For loop over column groups dataframe R

I am trying to loop over each group of location column for each consecutive date column(date are date type d.m.y) and find the latest date(row) that not meet the criteria ( daily_percentage for 3 consecutive days <10).

Here is an example of df:

date(d.m.y) location daily_percentage
02.01.2021 x 3.2
02.01.2021 y 15.6
02.01.2021 z 1.2
02.01.2021 m 7.6
02.01.2021 n 8
03.01.2021 x 10.5
03.01.2021 y 3.4
03.01.2021 z 7
03.01.2021 m 3.6
03.01.2021 n 6.
04.01.2021 x 11.6
04.01.2021 y 3.5
04.01.2021 z 1.1
04.01.2021 m 5.8
04.01.2021 n 3.2
05.01.2021 x 0.4
05.01.2021 y 2
05.01.2021 z 12
05.01.2021 m 9.1
05.01.2021 n 17.9
06.01.2021 x 4.9
06.01.2021 y 15.8
06.01.2021 z 9
06.01.2021 m 16
06.01.2021 n 3

So the output should print the rows that do not meet criteria: Output should be :

date(d.m.y) location daily_percentage
05.01.2021 m 9.1
05.01.2021 y 2
04.01.2021 z 1.1
04.01.2021 n 3.2
02.01.2021 x 3.2

the code that I wrote does not work properly with looping though each group. ''' location_names <- unique(df$location)
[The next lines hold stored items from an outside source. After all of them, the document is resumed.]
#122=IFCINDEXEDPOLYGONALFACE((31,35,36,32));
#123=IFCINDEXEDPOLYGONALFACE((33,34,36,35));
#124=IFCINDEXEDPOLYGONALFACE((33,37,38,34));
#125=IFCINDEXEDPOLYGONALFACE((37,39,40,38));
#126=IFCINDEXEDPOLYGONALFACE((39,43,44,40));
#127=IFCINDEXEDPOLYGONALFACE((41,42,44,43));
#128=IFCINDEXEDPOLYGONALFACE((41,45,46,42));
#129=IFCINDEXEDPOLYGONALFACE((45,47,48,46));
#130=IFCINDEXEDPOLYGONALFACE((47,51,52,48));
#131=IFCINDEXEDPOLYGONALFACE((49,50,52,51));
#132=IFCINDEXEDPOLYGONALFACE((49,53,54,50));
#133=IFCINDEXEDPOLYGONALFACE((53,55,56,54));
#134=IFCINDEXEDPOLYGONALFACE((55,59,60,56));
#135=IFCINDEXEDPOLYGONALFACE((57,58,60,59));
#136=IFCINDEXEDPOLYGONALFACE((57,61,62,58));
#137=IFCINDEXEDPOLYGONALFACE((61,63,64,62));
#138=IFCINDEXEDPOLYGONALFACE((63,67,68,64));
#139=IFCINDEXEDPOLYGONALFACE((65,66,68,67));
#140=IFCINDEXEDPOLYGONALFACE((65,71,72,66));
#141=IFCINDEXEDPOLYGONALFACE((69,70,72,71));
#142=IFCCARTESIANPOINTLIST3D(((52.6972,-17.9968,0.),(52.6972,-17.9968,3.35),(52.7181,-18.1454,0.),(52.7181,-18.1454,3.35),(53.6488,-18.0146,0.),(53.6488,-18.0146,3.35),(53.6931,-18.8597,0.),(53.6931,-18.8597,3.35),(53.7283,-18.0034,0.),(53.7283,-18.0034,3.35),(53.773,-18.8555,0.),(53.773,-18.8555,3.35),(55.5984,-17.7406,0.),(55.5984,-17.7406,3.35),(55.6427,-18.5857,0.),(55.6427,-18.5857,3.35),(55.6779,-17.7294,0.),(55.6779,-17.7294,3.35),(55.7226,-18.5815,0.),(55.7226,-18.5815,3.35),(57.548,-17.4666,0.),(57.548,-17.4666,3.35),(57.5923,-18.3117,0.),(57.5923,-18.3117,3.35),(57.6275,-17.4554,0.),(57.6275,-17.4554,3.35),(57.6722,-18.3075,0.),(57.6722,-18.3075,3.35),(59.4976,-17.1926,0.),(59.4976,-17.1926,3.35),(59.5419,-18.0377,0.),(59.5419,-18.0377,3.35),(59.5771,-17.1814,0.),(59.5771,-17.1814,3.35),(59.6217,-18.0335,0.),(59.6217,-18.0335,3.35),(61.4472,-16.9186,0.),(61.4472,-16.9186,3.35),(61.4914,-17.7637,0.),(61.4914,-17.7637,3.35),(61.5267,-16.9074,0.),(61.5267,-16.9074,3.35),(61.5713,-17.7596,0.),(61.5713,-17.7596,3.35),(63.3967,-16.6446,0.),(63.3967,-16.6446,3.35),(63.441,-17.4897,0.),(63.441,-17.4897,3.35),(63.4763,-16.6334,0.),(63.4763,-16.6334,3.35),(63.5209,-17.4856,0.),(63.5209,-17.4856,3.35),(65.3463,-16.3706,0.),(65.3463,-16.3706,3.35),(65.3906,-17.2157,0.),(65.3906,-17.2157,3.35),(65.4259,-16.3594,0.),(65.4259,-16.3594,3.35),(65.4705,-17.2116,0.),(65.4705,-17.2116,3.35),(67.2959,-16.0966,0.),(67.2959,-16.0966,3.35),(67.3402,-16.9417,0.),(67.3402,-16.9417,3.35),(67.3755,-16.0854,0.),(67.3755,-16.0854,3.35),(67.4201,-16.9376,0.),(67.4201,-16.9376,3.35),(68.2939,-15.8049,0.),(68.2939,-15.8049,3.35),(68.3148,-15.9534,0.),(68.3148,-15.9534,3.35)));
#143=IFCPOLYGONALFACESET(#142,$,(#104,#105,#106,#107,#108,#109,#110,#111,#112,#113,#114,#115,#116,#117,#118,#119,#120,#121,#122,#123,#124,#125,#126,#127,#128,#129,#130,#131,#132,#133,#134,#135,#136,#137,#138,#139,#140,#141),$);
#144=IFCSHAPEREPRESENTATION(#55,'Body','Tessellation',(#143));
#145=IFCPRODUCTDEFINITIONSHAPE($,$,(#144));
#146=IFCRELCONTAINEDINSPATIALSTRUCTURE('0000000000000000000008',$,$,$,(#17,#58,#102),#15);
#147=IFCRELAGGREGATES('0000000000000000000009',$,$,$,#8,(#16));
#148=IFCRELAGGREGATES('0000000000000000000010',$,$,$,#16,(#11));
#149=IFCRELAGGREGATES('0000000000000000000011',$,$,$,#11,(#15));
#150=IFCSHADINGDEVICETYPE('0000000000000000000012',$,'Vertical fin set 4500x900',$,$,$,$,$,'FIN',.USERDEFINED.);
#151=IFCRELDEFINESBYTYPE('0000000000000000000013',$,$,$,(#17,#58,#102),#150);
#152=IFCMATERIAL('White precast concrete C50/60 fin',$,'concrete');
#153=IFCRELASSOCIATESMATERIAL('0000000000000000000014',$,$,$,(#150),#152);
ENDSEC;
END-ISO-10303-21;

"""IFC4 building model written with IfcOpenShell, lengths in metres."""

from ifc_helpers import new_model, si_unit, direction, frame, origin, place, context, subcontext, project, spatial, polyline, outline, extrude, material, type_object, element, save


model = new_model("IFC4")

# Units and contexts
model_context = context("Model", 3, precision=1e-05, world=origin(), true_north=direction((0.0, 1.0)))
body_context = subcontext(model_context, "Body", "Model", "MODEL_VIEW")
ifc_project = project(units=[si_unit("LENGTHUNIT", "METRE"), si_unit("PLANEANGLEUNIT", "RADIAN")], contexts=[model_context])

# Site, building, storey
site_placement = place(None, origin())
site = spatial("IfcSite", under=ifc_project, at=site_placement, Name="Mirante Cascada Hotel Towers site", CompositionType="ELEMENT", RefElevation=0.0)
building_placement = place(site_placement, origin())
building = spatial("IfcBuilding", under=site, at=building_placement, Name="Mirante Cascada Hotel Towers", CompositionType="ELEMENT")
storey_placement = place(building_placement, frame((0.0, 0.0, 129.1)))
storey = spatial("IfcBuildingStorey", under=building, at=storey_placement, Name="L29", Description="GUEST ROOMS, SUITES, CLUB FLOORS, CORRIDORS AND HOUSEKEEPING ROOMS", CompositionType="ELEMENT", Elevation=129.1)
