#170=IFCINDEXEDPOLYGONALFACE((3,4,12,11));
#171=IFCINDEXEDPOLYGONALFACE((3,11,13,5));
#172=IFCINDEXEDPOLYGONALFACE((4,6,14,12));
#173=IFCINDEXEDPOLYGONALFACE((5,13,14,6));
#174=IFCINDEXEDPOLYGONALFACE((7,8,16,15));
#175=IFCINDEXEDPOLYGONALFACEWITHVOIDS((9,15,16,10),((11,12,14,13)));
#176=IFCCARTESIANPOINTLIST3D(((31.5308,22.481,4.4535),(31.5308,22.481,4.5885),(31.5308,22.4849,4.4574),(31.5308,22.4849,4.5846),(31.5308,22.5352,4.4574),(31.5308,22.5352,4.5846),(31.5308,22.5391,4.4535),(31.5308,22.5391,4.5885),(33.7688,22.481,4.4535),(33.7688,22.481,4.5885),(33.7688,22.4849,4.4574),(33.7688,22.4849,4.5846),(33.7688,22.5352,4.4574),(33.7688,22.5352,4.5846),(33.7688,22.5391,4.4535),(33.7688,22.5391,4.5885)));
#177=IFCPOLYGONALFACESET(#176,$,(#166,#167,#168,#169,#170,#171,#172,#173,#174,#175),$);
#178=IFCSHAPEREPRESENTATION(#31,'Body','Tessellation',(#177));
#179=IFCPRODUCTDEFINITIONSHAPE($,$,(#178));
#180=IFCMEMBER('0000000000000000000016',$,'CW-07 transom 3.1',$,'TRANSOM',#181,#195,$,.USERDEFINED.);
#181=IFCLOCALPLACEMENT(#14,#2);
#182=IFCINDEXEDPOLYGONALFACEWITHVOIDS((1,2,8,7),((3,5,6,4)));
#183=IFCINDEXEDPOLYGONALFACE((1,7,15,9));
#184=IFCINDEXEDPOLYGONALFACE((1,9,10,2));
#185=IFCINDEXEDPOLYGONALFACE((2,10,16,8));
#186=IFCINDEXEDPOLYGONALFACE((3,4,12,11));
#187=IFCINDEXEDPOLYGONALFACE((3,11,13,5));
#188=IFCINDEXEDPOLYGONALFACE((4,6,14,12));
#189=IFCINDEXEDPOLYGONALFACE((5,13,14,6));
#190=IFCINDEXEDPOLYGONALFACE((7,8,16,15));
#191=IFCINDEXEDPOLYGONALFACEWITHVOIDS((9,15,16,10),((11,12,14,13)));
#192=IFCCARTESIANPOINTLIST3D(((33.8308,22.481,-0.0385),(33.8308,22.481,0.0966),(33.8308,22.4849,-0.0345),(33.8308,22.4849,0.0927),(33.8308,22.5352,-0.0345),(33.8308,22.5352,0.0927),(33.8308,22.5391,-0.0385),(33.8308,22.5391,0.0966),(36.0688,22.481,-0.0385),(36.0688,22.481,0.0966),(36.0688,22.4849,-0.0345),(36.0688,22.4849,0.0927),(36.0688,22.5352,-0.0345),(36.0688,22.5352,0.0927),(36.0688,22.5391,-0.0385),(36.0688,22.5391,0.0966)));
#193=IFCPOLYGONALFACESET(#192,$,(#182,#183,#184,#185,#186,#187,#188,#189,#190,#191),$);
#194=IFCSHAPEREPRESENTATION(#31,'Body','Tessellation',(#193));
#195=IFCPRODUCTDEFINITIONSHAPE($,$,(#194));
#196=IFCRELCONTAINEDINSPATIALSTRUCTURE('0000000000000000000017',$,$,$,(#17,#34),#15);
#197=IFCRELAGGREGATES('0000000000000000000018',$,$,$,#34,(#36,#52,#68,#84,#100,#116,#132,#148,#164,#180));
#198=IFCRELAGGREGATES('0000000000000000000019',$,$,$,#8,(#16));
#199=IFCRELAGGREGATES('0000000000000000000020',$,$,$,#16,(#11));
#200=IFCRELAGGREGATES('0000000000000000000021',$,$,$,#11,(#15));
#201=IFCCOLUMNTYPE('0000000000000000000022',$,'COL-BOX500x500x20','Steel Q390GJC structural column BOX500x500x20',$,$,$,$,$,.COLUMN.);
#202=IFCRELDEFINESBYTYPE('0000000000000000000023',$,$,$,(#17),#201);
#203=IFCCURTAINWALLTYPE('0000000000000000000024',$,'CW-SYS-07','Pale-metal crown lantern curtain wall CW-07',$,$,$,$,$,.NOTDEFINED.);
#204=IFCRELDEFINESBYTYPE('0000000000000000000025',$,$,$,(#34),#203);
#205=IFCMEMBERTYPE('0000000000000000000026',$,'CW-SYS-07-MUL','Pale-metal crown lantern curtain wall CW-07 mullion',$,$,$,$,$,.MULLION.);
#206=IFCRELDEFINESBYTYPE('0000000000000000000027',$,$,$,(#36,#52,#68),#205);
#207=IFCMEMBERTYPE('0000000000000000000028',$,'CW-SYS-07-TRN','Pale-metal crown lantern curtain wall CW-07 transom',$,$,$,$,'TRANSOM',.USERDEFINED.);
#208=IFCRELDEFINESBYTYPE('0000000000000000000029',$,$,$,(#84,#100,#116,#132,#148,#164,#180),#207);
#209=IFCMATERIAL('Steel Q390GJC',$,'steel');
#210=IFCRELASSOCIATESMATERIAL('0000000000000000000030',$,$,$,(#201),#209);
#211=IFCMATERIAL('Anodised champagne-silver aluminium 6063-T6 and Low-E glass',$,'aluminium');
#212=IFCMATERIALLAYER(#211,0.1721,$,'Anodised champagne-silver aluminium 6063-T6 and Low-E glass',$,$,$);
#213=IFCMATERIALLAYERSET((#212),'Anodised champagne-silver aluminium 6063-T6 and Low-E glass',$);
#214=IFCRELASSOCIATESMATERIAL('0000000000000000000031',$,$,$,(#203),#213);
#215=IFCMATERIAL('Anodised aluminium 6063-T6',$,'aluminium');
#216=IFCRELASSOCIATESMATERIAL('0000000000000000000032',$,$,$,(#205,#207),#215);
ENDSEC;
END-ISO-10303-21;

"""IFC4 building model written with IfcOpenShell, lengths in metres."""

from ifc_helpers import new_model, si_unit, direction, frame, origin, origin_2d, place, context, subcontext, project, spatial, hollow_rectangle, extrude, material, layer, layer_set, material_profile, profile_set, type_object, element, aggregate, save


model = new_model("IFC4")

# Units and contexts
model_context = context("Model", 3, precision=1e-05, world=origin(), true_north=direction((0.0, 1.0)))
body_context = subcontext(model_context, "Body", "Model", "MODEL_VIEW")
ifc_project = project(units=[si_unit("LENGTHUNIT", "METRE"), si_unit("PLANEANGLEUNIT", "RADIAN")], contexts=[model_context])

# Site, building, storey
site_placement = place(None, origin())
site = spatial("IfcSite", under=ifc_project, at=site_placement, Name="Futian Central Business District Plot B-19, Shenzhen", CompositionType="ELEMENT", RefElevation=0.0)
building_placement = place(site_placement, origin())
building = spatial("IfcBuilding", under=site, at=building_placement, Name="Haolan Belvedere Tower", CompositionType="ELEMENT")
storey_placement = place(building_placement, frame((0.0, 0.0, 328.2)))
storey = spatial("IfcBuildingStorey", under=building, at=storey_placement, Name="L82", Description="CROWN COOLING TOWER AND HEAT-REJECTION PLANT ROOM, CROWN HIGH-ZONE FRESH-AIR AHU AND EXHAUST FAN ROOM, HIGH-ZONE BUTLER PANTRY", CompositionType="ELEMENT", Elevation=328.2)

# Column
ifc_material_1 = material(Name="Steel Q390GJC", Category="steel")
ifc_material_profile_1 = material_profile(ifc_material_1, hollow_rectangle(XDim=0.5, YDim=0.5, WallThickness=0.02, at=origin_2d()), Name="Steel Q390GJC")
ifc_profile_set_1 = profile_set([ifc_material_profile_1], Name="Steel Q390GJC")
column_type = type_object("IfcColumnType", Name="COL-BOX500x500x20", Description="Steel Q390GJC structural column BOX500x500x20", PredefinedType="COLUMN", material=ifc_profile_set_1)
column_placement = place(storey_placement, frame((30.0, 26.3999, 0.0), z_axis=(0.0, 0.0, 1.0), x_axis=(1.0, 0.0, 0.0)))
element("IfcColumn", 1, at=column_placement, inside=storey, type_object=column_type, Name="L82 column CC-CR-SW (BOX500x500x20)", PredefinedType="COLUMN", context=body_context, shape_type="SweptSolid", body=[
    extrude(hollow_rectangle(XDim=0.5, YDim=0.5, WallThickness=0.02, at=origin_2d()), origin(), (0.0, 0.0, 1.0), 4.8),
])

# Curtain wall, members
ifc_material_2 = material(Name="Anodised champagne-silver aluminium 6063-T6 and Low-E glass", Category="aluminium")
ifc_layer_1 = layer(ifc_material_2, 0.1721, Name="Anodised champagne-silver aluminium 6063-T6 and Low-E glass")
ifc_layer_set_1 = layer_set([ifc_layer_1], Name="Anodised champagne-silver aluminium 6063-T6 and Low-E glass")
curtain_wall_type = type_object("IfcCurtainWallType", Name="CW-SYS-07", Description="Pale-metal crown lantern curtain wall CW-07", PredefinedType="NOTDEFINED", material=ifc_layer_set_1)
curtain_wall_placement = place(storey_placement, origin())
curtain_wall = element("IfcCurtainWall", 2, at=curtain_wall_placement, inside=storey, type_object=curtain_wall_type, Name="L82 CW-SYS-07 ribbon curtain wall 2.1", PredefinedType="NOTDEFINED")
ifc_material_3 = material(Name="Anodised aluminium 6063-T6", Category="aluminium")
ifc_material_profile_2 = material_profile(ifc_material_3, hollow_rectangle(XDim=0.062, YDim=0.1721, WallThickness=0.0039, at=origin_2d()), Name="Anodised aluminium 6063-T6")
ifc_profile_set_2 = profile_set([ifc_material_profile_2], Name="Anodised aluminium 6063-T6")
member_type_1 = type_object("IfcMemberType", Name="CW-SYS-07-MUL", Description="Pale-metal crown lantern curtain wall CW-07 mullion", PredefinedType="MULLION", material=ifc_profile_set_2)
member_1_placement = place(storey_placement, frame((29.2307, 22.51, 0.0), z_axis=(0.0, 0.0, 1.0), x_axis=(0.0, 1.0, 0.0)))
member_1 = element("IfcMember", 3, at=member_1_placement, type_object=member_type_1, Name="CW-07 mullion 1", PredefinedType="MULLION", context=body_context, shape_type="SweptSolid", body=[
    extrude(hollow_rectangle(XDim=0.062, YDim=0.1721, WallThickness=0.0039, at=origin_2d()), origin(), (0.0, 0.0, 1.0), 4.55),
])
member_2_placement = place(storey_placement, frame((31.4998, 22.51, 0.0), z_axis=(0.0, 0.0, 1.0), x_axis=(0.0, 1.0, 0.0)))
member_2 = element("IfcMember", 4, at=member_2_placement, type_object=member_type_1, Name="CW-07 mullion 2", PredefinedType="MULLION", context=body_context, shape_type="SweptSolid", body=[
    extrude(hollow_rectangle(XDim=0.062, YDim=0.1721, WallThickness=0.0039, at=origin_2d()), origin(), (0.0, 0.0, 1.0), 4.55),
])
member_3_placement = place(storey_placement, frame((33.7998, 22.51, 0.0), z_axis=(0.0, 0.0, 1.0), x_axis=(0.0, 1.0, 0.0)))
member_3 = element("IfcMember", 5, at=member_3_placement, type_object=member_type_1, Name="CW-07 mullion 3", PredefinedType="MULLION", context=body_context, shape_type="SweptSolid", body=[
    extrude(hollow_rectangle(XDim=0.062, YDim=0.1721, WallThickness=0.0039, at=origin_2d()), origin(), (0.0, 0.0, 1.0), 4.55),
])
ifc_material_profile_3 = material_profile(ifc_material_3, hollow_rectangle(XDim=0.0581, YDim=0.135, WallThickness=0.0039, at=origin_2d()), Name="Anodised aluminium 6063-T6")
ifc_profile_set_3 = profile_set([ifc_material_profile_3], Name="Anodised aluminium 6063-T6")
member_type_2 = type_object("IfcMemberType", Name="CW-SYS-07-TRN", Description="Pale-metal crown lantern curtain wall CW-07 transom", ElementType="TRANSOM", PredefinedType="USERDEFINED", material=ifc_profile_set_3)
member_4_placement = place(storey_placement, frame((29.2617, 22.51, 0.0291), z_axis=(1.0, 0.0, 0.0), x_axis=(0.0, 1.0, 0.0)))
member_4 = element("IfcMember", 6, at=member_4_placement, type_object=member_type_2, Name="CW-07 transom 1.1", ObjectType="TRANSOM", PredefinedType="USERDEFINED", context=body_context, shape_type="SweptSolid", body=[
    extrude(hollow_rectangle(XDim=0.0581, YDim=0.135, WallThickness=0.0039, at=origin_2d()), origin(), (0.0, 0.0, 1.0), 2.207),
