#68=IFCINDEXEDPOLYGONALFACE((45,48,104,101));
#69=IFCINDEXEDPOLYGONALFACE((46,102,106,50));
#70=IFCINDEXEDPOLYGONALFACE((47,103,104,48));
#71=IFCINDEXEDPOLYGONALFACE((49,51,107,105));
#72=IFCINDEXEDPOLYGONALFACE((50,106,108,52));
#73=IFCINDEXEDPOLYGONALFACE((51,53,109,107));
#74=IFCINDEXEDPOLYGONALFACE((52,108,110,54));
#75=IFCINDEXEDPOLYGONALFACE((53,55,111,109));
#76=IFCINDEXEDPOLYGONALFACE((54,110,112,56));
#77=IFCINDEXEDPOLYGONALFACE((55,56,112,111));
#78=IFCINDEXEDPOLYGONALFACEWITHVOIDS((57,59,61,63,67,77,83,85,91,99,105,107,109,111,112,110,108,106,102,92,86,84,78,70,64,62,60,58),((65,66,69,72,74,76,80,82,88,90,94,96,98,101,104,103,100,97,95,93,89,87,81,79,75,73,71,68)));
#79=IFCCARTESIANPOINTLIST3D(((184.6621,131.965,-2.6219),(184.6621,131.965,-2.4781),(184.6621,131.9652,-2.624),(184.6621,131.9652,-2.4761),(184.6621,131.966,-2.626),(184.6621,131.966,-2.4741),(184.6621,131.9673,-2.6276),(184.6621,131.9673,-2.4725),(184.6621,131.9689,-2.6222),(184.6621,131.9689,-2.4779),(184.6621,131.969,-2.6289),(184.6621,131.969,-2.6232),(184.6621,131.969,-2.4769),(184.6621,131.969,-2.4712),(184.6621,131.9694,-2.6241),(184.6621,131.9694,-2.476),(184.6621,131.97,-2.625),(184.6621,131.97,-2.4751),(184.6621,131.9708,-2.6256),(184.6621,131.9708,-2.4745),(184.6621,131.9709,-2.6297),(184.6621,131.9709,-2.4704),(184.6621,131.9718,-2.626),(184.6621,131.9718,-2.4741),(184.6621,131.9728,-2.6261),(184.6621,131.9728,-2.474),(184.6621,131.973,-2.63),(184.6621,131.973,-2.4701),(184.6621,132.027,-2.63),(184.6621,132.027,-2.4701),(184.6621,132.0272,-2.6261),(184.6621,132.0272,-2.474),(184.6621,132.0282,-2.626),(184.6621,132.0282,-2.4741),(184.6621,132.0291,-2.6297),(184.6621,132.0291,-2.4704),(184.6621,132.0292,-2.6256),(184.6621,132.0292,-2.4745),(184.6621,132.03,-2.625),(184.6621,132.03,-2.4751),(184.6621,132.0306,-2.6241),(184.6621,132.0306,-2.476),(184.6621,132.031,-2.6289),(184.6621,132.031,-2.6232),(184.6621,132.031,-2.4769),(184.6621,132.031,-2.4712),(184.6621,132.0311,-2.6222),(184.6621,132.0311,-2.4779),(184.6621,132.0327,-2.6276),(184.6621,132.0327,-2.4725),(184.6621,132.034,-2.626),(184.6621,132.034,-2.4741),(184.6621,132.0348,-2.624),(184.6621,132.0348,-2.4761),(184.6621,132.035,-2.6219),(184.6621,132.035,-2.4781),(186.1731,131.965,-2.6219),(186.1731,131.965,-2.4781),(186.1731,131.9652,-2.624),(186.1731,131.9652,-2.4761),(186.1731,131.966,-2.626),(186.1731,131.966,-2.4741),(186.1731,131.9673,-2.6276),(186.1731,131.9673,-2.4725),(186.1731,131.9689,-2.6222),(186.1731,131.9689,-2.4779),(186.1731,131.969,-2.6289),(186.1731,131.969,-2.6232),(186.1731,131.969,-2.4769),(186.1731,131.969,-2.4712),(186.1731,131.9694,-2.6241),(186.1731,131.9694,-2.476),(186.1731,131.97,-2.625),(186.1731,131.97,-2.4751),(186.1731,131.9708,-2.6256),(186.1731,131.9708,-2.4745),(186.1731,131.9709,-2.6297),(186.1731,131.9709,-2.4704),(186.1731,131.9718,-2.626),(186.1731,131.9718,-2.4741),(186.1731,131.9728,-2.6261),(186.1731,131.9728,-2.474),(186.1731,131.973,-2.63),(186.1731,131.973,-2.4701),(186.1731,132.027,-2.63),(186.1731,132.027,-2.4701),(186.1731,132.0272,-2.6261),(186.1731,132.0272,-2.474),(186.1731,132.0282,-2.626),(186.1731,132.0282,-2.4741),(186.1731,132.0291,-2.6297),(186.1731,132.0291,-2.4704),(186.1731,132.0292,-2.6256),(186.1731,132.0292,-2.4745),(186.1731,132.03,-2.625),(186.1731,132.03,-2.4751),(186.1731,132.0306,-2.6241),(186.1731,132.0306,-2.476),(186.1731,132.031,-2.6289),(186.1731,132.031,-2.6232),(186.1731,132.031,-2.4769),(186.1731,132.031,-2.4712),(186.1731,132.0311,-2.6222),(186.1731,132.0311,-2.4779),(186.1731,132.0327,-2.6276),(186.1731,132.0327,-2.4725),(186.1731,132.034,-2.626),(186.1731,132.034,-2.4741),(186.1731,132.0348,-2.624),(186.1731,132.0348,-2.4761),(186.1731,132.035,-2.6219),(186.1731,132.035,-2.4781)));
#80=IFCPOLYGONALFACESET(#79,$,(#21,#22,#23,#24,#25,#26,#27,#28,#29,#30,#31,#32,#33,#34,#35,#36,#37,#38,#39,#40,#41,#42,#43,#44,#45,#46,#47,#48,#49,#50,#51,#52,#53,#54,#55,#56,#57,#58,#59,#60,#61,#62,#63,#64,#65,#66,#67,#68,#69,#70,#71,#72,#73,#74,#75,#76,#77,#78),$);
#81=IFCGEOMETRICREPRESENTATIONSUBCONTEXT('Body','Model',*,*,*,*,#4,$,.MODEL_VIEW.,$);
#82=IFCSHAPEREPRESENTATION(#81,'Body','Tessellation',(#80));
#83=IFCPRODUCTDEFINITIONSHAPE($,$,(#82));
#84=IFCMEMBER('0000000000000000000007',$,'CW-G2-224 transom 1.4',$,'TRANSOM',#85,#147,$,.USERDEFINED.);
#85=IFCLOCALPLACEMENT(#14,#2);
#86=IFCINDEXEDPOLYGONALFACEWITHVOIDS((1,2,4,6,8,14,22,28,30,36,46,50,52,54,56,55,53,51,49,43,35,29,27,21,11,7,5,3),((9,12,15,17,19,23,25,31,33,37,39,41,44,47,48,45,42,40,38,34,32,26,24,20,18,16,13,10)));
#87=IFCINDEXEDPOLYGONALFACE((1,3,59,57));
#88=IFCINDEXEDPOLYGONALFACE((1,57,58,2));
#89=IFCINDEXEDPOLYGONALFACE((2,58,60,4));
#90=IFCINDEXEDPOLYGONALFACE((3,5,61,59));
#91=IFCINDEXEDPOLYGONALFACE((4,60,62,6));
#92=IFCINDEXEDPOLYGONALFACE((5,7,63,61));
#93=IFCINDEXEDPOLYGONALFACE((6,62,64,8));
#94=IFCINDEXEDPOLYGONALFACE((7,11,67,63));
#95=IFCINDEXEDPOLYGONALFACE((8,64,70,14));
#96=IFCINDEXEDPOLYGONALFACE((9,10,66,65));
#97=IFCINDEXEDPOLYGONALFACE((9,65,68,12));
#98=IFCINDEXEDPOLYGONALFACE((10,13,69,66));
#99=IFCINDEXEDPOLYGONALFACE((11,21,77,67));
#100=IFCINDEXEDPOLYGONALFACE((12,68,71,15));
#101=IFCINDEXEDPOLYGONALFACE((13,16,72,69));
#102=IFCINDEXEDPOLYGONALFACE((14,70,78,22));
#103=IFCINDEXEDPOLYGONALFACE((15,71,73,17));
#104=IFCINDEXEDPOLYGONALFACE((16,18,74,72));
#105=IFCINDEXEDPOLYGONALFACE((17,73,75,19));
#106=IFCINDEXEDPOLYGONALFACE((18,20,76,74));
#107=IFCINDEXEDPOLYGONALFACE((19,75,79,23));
df$last_three_days <- FALSE
first_row_with_false <- 0
three_consequtive_out_of_order <- FALSE
for (locat in location_names){


for(row in 5:nrow(df)) { # ignoring the first few rows

  if (three_consequtive_out_of_order == FALSE) {

     today_below_10 <- (df[row,]$daily_percentage) < 10

    yesterday_below_10 <- (df[row-1,]$daily_percentage) < 10

    day_minus_2_below_10 <- (df[row-2,]$daily_percentage) < 10

    three_consequtive <- today_below_10 & yesterday_below_10 & day_minus_2_below_10

    df[row,]$last_three_days <- three_consequtive

    if ((!is.na(three_consequtive)) & (three_consequtive == FALSE) ) {

      first_row_with_false <- row

      three_consequtive_out_of_order <- TRUE

    }
   }
  }
}

cutoff_date <- df[first_row_with_false-1,]$date

my code (without this part: ''' three_consequtive_out_of_order <- FALSE for (locat in location_names)) '''

will produce desired output if we assume column location is not grouped.

Is there any efficient way to write this code that works on grouped data? Sorry for very naive question, I am newbie to for loop and R.

TIA!

P.S. date column is date type(d.m.y).

Upvotes: 0

Views: 82

Answers (2)

IceCreamToucan
IceCreamToucan

Reputation: 28705

Mostly the same as @rawr, but avoiding data.table::rleid

df <- structure(list(date.d.m.y. = structure(c(18629, 18629, 18629, 18629, 18629, 18630, 18630, 18630, 18630, 18630, 18631, 18631, 18631, 18631, 18631, 18632, 18632, 18632, 18632, 18632, 18633, 18633, 18633, 18633, 18633), class = "Date"), location = c("x", "y", "z", "m", "n", "x", "y", "z", "m", "n", "x", "y", "z", "m", "n", "x", "y", "z", "m", "n", "x", "y", "z", "m", "n"), daily_percentage = c(3.2, 15.6, 1.2, 7.6, 8, 10.5, 3.4, 7, 3.6, 6, 11.6, 3.5, 1.1, 5.8, 3.2, 0.4, 2, 12, 9.1, 17.9, 4.9, 15.8, 9, 16, 3)), row.names = c(NA, -25L), class = "data.frame")

f <- function(data, nday = 3, pct = 10) {
  i <- 
    with(rle(data$daily_percentage < pct), {
      n_fails <- values & lengths >= nday
      if (!any(n_fails)) 0 # return nothing if no matching row
      else cumsum(lengths)[tail(which(n_fails), 1)]
    })
  data[i,]
}

do.call(rbind, by(df, list(df$location), FUN = f))
#>   date.d.m.y. location daily_percentage
#> m  2021-01-05        m              9.1
#> n  2021-01-04        n              3.2
#> y  2021-01-05        y              2.0
#> z  2021-01-04        z              1.1

Created on 2022-01-27 by the reprex package (v2.0.1)

Upvotes: 1

rawr
rawr

Reputation: 20811

I know for loops are easy to grasp and applicable in other languages, but as a new r user I would highly suggest that you try to reduce complex tasks down to the simplest part and write a function that only does that one thing.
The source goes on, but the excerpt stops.